Lain halnya pada murid interview dilakukan untuk mengetahui pemilihan
sekolah sebagai tempat untuk menimba ilmu, visi dan misi sekolah yang dipilih,
harapan kepada sekolah dan guru dalam mendidik para siswanya, nilai-nilai moral
yang ditanamkan guru khususnya guru IPS, nilai-nilai apa saja yang diketahuinya,
pengetahuan bahwa nilai-nilai tersebut diambil dari kearifan lokal budaya Bugis
Makassar, proses pewarisan nilai-nilai tradisi Bugis Makassar kepada generasi
muda saat ini, istilah lontaraq pappasêng/pappasang dalam budaya Bugis
Makassar, pengetahuan tentang lontaraq pappasêng/pappasang, keunggulan yang
terdapat dalam naskah lontaraq pappasêng/pappasang sebagai bahan kajian atau
bahan ajar dalam pendidikan IPS, dalam pembelajaran IPS diajarkan nilai-nilai
moral yang terkandung dalam lontaraq pappasêng/pappasang, pemahaman guru
terhadap lontaraq pappasêng/pappasang, nilai-nilai (lontaraq pappasêng/
pappasang) diintegrasikan ke dalam bidang studi IPS yang dipelajari, cara guru
mengintegrasikan, mengajarkan, dan menanamkan nilai-nilai (lontaraq
pappasêng/pappasang) tersebut kepada siswa melalui Pendidikan IPS,
pendapatnya tentang lontaraq pappasêng/pappasang.
c. Observasi
Dari segi proses pelaksanaan pengumpulan data, observasi dapat
dibedakan menjadi participant observation (observasi berperan serta) dan non
participant observation. Selanjutnya dari segi instrumentasi yang digunakan maka
observasi dapat dibedakan menjadi observasi terstruktur dan tidak terstuktur
Pada penelitian ini, peneliti menggunakan participant observation. Dalam
observasi ini, peneliti terlibat dengan kegiatan sehari-hari orang yang sedang
diamati atau yang digunakan sebagai sumber data penelitian. Sambil melakukan
pengamatan, peneliti ikut melakukan apa yang dikerjakan oleh sumber data, dan
ikut merasakan suka dukanya. Dengan observasi partisipan ini, maka data yang
diperoleh akan lebih lengkap, tajam, dan sampai mengetahui pada tingkat mana
dari setiap perilaku yang tampak (Sugiyono, 2009: 310).
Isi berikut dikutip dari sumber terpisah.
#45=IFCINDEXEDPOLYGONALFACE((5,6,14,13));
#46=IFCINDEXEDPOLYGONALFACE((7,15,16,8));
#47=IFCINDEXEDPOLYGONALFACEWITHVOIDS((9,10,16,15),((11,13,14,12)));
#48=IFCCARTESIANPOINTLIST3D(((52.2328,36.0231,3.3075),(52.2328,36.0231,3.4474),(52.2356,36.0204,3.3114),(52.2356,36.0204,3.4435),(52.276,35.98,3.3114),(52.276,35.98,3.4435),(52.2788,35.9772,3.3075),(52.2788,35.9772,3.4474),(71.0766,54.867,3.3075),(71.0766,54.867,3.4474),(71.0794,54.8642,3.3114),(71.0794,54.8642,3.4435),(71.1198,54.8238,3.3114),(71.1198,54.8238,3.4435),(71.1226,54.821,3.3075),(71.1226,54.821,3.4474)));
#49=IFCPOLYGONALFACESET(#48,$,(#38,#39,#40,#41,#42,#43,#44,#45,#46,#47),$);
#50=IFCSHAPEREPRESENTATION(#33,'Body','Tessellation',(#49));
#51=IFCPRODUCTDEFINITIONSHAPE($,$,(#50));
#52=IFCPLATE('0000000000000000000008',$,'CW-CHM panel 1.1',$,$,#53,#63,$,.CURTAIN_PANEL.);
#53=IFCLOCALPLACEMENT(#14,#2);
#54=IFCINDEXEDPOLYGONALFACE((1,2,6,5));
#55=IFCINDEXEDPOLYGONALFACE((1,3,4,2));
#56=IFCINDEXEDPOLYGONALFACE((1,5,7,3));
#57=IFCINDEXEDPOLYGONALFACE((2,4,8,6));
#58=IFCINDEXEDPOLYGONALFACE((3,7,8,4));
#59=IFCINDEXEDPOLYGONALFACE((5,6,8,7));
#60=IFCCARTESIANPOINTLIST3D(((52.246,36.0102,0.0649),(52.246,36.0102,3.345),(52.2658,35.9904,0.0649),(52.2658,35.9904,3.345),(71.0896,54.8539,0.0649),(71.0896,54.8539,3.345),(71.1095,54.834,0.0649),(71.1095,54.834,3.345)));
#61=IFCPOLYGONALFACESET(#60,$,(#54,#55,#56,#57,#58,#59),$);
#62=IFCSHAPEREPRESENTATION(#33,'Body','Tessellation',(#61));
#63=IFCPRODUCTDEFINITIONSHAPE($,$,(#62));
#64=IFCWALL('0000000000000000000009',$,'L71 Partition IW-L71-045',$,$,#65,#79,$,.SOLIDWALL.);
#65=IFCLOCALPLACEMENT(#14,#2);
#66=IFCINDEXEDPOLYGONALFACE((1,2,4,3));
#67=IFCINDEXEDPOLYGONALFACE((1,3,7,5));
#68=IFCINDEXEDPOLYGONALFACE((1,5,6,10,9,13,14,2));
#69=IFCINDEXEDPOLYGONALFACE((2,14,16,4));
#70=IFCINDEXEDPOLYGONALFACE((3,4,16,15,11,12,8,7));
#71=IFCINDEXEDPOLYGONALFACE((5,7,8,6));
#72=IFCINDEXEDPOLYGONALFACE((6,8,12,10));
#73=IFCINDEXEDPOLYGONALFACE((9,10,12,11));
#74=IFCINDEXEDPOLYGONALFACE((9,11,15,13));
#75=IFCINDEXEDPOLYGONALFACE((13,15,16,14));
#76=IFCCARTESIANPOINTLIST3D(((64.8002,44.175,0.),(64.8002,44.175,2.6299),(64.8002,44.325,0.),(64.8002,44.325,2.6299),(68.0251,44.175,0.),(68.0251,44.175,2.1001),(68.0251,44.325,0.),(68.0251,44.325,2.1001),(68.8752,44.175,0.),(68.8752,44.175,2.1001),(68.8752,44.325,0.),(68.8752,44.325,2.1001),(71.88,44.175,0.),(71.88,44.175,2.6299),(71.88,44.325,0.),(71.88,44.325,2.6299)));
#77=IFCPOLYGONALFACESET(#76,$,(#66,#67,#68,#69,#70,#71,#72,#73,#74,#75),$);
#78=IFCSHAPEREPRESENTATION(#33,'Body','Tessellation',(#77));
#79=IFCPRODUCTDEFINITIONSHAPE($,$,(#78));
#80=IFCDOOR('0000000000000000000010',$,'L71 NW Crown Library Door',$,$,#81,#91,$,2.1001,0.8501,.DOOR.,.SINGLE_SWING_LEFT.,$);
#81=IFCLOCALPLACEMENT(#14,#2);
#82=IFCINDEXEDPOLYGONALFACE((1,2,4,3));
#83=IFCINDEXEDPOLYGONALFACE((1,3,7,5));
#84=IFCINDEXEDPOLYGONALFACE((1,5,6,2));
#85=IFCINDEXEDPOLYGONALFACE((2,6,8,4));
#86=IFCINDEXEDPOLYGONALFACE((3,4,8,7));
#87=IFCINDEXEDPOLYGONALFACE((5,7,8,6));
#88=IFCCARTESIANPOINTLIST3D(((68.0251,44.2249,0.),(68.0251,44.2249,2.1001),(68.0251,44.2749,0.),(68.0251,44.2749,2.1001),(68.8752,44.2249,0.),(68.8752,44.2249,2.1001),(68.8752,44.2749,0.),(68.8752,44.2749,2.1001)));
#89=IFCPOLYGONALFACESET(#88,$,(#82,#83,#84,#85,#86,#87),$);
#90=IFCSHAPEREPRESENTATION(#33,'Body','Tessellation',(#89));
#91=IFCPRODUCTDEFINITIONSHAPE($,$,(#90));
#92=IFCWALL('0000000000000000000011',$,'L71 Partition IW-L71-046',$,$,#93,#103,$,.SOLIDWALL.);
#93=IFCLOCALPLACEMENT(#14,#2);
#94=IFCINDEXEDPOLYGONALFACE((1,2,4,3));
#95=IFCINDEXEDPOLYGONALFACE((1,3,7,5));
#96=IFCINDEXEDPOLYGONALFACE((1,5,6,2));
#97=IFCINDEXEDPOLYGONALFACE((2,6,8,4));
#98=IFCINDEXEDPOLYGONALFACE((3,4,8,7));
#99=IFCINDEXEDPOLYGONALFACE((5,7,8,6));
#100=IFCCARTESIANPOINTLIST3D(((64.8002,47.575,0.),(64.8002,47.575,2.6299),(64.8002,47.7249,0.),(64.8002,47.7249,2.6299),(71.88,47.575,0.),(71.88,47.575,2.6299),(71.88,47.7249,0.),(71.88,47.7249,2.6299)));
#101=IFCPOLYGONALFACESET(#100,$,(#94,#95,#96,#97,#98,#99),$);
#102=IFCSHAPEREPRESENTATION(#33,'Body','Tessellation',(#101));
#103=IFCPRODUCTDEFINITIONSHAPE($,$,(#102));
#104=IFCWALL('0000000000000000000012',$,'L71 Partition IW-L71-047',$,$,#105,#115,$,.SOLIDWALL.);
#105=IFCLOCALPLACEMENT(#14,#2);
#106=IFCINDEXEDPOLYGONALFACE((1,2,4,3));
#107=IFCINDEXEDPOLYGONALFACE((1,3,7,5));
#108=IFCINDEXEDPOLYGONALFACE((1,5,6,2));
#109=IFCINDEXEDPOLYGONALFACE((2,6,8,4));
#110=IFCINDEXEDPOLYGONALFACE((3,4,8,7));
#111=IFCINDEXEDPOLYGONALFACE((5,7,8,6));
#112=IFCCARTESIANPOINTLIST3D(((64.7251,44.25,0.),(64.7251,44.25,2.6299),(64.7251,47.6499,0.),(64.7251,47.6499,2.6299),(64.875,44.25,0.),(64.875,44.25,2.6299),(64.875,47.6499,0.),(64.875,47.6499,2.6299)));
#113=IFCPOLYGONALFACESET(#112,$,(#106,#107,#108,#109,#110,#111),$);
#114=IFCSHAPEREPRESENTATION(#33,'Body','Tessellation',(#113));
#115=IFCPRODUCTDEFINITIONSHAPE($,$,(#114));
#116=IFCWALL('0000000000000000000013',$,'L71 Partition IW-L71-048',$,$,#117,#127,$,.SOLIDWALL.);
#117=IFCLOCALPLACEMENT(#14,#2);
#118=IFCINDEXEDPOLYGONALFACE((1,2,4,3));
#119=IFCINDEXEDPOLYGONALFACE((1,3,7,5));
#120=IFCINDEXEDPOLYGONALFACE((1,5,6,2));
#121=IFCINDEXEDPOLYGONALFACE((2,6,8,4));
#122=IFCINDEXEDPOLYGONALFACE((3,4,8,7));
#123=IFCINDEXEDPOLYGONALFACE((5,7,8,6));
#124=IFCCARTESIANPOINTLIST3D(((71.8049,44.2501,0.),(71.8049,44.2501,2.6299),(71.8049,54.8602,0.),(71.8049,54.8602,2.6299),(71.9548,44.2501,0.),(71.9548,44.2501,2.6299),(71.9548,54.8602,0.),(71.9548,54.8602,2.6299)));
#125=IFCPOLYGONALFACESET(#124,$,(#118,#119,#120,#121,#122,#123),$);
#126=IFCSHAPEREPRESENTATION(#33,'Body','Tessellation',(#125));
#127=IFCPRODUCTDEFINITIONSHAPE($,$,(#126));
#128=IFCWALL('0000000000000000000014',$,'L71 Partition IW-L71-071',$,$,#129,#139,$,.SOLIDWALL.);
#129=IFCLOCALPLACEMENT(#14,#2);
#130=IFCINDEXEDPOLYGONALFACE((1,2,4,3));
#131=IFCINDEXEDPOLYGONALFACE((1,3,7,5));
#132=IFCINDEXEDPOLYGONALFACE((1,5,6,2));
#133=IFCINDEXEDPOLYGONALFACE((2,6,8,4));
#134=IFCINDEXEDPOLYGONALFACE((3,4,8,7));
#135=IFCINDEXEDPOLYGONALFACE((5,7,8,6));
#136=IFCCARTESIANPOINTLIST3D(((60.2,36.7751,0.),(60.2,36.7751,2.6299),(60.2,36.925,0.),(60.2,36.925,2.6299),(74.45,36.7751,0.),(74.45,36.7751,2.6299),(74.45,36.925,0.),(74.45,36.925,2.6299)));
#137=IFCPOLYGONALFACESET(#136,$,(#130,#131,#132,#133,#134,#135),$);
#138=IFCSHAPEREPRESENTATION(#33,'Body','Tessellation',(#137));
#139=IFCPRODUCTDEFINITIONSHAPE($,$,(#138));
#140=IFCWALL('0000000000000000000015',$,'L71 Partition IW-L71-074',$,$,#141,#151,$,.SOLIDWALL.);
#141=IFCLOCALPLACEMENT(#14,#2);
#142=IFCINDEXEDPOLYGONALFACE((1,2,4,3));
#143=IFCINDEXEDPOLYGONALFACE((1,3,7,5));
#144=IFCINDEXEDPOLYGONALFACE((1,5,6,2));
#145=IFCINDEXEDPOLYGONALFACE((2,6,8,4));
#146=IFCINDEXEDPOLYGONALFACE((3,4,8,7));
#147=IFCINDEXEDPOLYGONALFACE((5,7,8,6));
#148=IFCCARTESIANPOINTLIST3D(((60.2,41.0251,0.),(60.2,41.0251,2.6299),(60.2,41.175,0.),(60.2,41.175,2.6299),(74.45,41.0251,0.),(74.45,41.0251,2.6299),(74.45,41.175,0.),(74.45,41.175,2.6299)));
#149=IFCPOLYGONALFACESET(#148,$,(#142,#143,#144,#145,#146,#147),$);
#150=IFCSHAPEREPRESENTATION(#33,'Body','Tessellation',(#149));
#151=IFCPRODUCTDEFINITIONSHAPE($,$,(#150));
Observasi partisipan memiliki kelebihan terutama keterpercayaan data dan
kelengkapannya karena dikumpulkan dari lingkungannya yang alami, demikian
pula observasi partisipan memberikan kesempatan yang luas bagi peneliti sebagai
anggota dalam masyarakat tersebut untuk mengamati aspek-aspek perilaku yang
tersembunyi/tertutup dan dapat memahami perilaku individu-individunya dalam
bentuk yang lebih mendalam dan dapat membaca makna-makna yang terlukis dari
wajah-wajah individualnya dan dapat mendiskusikan topik-topik yang dirasakan
tidak mungkin dilakukan oleh peneliti yang asing dari masyarakat yang dijauhinya
(Emzir, 2010: 39-40).
Dalam memahami perilaku generasi muda Bugis Makassar yang
merupakan objek dalam studi ini, peneliti tinggal menetap dan berada dalam
lingkungan masyarakat Bugis Makassar, sehingga peneliti dapat mengkaji,
mencermati, serta menganalisa dengan saksama segala aktifitas serta berbagai
perilaku dari objek yang diteliti.
Dalam melakukan observasi di sekolah, peneliti melakukan tiga tahap,
tahap pertama dilakukan untuk mendapatkan gambaran awal pemahaman para
guru, khususnya guru yang mengajarkan IPS di SMP. Peneliti mendapatkan
informasi global/umum tentang wawasan para guru IPS di SMP yang diobservasi.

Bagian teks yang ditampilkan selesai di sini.